TitleImpact of clinical characteristics and management on the prognosis of unselected heart failure patients.
Publication TypeJournal Article
Year of Publication2015
AuthorsEschalier, R., C. Chenaf, A. Mulliez, A. Yalioua, G. Clerfond, N. Authier, C. Vorilhon, B. Citron, B. Pereira, F. Jean, G. Souteyrand, P. Motreff, A. Eschalier, and J. - R. Lusson
JournalCardiovascular drugs and therapy / sponsored by the International Society of Cardiovascular Pharmacotherapy
Volume29
Issue1
Pagination89-98
Date Published2015 Feb
ISSN1573-7241
Abstract

PURPOSE: Heart failure (HF) is a major public health issue. This study conducted a real-life analysis of the impact of clinical characteristics and medical management of HF on its prognosis.

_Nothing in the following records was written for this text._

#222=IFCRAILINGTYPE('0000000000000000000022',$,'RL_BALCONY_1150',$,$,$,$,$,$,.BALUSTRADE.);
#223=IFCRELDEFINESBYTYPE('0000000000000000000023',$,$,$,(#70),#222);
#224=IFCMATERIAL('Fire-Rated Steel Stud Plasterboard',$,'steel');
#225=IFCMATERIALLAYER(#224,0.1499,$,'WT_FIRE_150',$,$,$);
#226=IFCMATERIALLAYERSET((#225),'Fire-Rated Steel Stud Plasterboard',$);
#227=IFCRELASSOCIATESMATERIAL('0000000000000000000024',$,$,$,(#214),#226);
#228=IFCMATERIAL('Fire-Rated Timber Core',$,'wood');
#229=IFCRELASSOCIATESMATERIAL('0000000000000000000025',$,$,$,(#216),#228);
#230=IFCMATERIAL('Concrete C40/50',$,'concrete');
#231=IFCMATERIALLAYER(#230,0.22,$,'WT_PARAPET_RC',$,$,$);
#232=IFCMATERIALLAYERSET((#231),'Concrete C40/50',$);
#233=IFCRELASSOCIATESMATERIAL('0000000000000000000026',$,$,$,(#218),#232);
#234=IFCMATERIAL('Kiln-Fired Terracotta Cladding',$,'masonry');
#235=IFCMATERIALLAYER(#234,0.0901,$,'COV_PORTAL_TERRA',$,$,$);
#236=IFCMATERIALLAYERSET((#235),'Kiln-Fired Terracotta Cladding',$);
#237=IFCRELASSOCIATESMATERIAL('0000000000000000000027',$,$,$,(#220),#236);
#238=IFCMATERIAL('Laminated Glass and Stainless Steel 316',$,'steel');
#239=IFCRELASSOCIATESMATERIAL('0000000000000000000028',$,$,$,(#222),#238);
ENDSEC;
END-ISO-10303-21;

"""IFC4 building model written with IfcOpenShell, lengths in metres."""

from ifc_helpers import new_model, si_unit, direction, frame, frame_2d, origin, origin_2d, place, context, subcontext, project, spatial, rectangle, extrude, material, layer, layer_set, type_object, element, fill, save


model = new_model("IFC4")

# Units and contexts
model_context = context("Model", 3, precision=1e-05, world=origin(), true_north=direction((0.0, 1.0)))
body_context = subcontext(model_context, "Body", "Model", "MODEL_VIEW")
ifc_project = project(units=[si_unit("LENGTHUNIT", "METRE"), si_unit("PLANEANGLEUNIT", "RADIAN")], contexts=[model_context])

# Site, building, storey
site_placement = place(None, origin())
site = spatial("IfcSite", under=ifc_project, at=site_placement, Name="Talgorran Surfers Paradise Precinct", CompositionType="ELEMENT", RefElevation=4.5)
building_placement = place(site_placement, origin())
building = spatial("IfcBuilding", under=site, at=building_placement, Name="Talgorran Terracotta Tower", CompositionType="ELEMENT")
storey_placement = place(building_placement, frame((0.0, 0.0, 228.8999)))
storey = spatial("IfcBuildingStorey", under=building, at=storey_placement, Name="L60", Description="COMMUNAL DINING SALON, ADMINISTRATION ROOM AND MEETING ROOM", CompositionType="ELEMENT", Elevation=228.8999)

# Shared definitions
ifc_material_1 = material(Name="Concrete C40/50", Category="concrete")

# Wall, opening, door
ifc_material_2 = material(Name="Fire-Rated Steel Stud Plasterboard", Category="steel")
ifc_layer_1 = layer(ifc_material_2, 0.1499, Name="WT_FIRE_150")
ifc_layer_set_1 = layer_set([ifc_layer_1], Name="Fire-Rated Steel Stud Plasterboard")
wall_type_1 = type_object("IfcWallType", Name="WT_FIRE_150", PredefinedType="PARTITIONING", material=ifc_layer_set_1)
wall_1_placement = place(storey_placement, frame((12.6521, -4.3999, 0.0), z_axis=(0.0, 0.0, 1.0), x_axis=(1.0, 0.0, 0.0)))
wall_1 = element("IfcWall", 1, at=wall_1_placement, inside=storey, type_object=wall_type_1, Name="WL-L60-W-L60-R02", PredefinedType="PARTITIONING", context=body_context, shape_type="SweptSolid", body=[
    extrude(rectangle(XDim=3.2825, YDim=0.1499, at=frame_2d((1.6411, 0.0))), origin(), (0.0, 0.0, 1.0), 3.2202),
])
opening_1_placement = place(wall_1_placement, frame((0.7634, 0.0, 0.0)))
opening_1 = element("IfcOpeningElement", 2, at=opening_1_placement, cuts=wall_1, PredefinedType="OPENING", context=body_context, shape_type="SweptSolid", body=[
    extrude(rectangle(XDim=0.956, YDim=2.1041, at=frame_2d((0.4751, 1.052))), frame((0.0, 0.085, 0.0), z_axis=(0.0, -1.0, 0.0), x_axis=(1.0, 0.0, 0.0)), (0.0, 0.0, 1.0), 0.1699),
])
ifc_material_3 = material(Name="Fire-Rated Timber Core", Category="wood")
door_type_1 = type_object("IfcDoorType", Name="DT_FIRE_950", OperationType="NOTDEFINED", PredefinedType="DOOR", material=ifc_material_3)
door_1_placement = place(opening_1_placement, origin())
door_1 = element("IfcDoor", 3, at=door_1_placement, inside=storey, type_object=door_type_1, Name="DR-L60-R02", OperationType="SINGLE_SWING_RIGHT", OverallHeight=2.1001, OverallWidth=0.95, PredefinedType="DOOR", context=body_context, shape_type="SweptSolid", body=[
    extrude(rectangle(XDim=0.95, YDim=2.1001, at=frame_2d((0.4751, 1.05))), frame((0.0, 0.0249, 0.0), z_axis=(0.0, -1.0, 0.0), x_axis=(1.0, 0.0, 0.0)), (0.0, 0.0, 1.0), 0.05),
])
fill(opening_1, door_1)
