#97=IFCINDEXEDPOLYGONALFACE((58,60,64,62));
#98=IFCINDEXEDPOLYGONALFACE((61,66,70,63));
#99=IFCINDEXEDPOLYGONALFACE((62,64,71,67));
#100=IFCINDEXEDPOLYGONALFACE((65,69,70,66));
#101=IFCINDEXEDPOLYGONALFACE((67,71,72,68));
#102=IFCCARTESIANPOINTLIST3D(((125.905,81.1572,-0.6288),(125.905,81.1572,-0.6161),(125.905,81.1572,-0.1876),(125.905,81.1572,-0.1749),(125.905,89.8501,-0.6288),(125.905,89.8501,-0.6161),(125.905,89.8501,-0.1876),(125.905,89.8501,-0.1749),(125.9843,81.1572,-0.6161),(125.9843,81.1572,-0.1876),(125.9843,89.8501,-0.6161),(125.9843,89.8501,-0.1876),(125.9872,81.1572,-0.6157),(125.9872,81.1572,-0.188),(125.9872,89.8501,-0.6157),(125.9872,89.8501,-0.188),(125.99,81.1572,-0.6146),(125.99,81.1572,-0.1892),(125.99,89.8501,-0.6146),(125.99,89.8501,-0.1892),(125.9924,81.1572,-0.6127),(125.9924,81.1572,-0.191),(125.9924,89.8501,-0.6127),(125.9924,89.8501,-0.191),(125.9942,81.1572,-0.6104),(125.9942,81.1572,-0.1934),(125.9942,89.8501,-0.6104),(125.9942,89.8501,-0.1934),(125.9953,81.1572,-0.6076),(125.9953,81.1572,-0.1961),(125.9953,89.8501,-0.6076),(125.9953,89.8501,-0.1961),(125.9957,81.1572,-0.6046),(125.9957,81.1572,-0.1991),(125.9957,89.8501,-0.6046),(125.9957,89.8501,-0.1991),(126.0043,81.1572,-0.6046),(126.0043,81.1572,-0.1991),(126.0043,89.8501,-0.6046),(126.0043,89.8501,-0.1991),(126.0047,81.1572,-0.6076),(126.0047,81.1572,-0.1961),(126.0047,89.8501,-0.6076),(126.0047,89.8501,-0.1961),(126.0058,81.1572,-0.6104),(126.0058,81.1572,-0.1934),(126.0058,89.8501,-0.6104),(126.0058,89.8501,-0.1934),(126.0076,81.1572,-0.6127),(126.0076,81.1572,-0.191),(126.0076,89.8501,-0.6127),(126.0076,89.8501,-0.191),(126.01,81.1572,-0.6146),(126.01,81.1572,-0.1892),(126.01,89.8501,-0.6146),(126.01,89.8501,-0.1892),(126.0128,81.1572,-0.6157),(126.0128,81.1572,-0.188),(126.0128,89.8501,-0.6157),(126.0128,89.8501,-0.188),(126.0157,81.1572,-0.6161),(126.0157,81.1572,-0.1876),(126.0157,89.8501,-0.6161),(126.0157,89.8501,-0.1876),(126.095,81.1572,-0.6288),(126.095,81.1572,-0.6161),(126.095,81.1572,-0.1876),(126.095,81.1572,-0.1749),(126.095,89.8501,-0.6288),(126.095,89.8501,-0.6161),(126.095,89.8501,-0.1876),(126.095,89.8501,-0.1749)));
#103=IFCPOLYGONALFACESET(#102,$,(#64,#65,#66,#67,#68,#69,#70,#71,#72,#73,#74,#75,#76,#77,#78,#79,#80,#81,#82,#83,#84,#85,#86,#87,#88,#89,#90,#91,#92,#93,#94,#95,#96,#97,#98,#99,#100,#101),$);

METHODS: Analysis was based on the EGB ("Echantillon Généraliste des Bénéficiaires") database. A cohort comprising 1825 adult patients with a first admission for HF between 2009 and 2011 was created and followed until June 2013 (median 22.3 [7.7-34.5] months) for survival analysis.

RESULTS: Mean age was 77.3 ± 13.2 years (53 % ≥80 years). The overall incidence of HF admission was 117 [112-122] per 100,000 population with a marked increase in patients >80 years (1297 [1217-1348]). At discharge, only 8 % of patients received recommended combination of angiotensin converting enzyme inhibitors/angiotensin receptor blockers (ACEi/ARB), beta-blockers (BB) and mineralocorticoid receptor antagonists (MRA). Only prescription levels of BB and vitamin K antagonists, at discharge, increased during the study period. In-hospital mortality was 9 % and survival was 71.6 %[69.5-73.6] and 52.0 %[49.4-54.6] at 12 and 36 months, respectively. In multivariate analysis, female gender [HR:0.78 (0.67-0.91), p = 0.001], ACEi/ARB + BB + MRA [0.41 (0.28-0.60), p < 0.001] and ACEi/ARB + BB [0.47 (0.39-0.57) p < 0.001] treatments were associated with improved survival, conversely to age 70-79 [1.90 (1.20-3.00), p = 0.003] and ≥80 [3.50 (2.30-5.40), p < 0.001], cardiogenic shock [3.00 (2.10-4.40), p < 0.001], acute pulmonary edema [1.70 (1.10-2.50), p = 0.01], denutrition [1.80 (1.45-2.24), p < 0.001], dilated cardiomyopathy [1.20 (1.00-1.40), p = 0.02] and in-hospital acute renal failure [1.36 (1.05-1.78), p = 0.002].

CONCLUSIONS: These real-life HF data provide insight into prognostic factors and "real-world" pharmacological management in this unselected HF population, confirming the benefit of ACEi/ARB + BB ± MRAs on patient survival.